There were 602 households, out of which 35.4% had children under the age of 18 living with them, 51.2% were married couples living together, 15.4% had a female householder with no husband present, and 28.4% were non-families. 21.8% of all households were made up of individuals, and 6.8% had someone living alone who was 65 years of age or older. The average household size was 2.70 and the average family size was 3.13.

In the village, the population was spread out, with 29.1% under the age of 18, 9.6% from 18 to 24, 29.6% from 25 to 44, 21.5% from 45 to 64, and 10.2% who were 65 years of age or older.

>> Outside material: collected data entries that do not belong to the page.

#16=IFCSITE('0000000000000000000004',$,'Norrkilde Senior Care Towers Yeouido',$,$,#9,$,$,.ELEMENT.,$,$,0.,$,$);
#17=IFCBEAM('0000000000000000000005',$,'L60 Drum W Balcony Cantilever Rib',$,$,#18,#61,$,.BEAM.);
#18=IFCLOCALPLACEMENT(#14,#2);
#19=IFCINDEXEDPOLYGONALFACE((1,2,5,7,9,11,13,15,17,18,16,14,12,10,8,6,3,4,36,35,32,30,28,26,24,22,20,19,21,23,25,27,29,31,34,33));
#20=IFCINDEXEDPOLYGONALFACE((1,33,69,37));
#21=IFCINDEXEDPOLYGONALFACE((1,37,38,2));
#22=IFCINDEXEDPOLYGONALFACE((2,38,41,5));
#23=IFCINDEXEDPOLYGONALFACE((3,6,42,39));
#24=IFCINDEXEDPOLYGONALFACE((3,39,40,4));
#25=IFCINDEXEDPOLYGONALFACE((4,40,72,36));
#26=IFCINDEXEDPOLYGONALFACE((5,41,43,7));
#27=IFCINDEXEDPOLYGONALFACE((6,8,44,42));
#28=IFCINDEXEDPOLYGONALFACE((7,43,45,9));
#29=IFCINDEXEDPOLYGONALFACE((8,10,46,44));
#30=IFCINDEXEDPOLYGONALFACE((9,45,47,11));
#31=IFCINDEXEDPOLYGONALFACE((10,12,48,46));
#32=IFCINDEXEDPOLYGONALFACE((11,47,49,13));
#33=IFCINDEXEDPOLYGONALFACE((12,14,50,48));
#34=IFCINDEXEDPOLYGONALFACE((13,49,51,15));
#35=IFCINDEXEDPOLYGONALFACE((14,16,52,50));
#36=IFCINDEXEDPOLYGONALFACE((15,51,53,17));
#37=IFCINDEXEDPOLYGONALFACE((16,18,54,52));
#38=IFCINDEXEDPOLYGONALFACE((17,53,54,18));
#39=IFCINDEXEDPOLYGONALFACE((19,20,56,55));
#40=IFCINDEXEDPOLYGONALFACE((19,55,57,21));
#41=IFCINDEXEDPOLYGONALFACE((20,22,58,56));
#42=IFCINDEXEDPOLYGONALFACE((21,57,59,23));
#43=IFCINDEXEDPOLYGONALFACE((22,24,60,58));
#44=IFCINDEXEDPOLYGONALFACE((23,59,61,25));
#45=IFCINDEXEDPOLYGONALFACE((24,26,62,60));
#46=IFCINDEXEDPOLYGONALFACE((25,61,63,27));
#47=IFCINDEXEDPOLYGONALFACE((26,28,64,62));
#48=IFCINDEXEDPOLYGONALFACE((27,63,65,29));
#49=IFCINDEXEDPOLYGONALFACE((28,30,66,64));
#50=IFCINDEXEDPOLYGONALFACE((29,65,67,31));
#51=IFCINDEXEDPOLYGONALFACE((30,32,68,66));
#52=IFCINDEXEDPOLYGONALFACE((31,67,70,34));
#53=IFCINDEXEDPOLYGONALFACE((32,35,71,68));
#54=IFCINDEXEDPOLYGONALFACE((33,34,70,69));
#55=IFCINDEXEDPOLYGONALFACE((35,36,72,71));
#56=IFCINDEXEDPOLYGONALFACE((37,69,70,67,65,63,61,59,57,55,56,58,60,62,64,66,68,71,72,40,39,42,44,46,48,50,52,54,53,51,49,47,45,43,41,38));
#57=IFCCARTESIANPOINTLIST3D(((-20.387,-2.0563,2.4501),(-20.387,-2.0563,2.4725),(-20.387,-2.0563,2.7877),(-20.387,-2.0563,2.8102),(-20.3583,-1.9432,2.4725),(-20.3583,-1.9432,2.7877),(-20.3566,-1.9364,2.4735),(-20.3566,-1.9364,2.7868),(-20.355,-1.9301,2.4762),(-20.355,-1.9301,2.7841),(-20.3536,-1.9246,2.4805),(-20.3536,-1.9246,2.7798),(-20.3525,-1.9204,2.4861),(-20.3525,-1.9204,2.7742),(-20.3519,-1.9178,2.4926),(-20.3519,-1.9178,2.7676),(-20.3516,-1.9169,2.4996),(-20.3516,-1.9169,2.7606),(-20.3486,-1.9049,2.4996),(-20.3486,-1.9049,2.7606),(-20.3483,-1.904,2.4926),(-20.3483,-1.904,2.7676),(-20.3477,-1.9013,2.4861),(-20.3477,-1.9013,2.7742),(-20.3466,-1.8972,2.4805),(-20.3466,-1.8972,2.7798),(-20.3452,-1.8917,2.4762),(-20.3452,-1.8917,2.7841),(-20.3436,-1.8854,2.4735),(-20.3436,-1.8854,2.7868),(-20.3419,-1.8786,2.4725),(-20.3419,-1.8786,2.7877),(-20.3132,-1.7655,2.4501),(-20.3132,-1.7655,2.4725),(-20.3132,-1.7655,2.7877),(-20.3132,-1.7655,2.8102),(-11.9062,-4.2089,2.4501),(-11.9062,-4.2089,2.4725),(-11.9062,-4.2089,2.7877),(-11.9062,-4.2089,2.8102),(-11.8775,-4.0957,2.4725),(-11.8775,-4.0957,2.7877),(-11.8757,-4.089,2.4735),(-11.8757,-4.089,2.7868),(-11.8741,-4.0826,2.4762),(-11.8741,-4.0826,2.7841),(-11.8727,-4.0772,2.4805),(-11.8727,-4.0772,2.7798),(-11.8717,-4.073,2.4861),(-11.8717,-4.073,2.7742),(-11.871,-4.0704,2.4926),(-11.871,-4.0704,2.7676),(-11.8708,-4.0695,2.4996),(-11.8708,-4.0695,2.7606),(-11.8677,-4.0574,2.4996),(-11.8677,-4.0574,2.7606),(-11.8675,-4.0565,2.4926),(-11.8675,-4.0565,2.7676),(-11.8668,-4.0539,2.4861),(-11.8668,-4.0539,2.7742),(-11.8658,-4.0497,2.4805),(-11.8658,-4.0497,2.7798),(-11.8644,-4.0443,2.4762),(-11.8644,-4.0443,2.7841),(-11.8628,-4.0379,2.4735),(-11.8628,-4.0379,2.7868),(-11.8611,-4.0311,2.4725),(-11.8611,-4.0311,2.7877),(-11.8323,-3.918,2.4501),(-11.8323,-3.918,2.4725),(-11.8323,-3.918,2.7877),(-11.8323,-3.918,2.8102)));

The median age was 33 years. For every 100 females there were 85.3 males. For every 100 females age 18 and over, there were 85.2 males.

The median income for a household in the village was $41,292, and the median income for a family was $43,182. Males had a median income of $32,470 versus $21,327 for females. The per capita income for the village was $16,895. About 10.5% of families and 13.1% of the population were below the poverty line, including 20.1% of those under age 18 and 1.8% of those age 65 or over.
==Notable people==
- Scott Bales (born 1956), former Chief Justice of the Arizona Supreme Court grew up in White Pigeon.
- John S. Barry, fourth Governor of Michigan, lived in White Pigeon.
- Orris Pratt, farmer and member of the Wisconsin State Assembly, was born in White Pigeon.
- Samuel Pratt, farmer and member of the Wisconsin State Assembly and the Wisconsin State Senate, lived for a time in White Pigeon, where his son Orris Pratt (above) was born.
- Albert G. Wade, founder in 1909 of the Wade Advertising Agency in Chicago and a notable pioneer of radio advertising, lived in White Pigeon as a young man, where he printed the weekly newspaper and later retired to the village. A park in the Village memorializes his family.